1. Image sensing module, including image sensor and support image sensor's support, its characterized in that: the image sensing module also comprises a plurality of magnetic movement mechanisms fixedly connected with the support and a supporting mechanism for supporting each magnetic movement mechanism; each magnetostrictive mechanism comprises a magnetostrictive film and a driving coil, one end of each magnetostrictive film is connected with the support, the driving coil drives the magnetostrictive film to deform and stretch, the other end of each magnetostrictive film is connected with the support mechanism, and the driving coil surrounds the magnetostrictive film.

2. The image sensing module of claim 1, wherein: each of said magnetostrictive films comprises a substrate; one side of the substrate is provided with a positive magnetic film with positive magnetic striction effect, or/and the other side of the substrate is provided with a negative magnetic striction film with negative magnetic striction effect.

3. The image sensing module of claim 1, wherein: each driving coil is cylindrical, and each magnetostrictive film is arranged in the driving coil.

4. The image sensing module of claim 1, wherein: the image sensing module also comprises a supporting structure for supporting the support in a suspending manner.

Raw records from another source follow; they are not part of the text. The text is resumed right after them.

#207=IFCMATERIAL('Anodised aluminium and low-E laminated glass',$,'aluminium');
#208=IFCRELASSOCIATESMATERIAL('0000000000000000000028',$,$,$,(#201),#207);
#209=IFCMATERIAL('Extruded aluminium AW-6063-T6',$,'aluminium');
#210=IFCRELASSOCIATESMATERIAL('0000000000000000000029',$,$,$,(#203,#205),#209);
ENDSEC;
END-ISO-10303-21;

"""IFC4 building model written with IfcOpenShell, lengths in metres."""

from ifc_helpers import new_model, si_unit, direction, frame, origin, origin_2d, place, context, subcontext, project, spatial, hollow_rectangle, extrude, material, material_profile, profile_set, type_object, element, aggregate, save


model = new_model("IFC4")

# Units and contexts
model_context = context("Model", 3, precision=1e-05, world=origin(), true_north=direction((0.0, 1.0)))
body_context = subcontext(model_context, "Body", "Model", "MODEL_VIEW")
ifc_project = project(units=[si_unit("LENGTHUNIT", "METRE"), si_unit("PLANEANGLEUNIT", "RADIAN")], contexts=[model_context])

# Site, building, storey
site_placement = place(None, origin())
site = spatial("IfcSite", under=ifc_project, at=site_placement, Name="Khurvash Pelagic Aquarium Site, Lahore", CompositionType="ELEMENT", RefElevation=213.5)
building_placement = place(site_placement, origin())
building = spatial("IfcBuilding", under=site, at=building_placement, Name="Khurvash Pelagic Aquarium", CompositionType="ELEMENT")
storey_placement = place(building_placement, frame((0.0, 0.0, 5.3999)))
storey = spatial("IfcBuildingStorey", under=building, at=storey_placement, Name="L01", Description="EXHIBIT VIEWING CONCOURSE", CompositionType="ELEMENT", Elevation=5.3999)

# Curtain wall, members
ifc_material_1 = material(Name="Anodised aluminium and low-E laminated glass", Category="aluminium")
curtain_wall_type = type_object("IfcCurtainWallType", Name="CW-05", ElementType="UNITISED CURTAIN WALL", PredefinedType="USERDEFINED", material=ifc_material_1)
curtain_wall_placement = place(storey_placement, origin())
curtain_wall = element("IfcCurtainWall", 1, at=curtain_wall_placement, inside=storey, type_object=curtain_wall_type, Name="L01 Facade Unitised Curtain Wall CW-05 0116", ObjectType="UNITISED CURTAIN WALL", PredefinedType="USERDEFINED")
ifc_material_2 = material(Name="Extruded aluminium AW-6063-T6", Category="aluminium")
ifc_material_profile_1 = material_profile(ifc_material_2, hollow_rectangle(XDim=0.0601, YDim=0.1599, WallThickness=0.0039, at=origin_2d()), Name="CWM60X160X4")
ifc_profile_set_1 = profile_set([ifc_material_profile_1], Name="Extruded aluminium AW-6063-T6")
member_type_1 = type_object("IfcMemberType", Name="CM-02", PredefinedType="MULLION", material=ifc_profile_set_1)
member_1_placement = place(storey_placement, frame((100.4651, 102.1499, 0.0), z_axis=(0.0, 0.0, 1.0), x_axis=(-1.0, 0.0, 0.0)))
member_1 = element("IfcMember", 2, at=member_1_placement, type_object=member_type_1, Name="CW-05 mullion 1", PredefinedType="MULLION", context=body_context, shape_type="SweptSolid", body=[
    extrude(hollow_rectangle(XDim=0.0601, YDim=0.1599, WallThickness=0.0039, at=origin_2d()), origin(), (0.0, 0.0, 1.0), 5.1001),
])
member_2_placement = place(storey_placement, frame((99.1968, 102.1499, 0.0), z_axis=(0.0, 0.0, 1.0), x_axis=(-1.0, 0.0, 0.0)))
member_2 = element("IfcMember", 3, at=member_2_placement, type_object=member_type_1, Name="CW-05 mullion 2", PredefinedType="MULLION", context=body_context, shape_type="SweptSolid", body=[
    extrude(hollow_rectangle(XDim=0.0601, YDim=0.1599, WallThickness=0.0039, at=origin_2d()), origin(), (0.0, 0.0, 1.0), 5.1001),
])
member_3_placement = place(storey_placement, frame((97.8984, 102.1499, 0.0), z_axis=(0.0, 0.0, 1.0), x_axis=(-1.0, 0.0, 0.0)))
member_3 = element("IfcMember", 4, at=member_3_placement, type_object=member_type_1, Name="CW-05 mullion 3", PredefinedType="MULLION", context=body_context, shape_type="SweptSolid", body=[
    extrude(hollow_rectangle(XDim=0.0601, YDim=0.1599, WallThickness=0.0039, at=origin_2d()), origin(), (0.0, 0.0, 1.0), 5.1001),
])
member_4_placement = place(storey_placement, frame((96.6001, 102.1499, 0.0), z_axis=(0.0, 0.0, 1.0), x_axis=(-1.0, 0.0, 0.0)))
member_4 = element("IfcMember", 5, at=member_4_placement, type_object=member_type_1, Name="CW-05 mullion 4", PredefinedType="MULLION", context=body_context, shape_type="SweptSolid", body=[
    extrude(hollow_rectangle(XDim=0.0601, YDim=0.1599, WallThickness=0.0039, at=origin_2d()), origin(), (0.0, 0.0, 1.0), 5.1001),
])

5. The image sensing module of claim 4, wherein: the supporting structure comprises a plurality of elastic strips, one end of each elastic strip is connected with the support, and the other end of each elastic strip is connected with the supporting mechanism.

6. The image sensing module of claim 5, wherein: the elastic strip is a flexible membrane, an S-shaped elastic sheet or an extension spring.

7. The image sensing module of claim 4, wherein: the support structure comprises a conical spring, and the support is mounted on the conical spring.

8. The image sensing module of any one of claims 1-7, wherein: each magnetostrictive film is in a strip shape.

9. The image sensing module of claim 8, wherein: at least one magnetostrictive film is arranged on each side of the support.

10. The image sensing module of any one of claims 1-7, wherein: the support mechanism comprises four support plates which are arranged on the periphery of the support respectively, and the magnetostrictive films on each side of the support are connected with the adjacent support plates.

11. The image sensing module of any one of claims 1-7, wherein: the plurality of magnetic moving mechanisms are distributed on the periphery of the support in an annular array.

12. The lens module comprises a lens and is characterized in that: further comprising an image sensing module according to any of claims 1-11.

13. A mobile terminal, characterized in that: comprising the lens module as claimed in claim 12.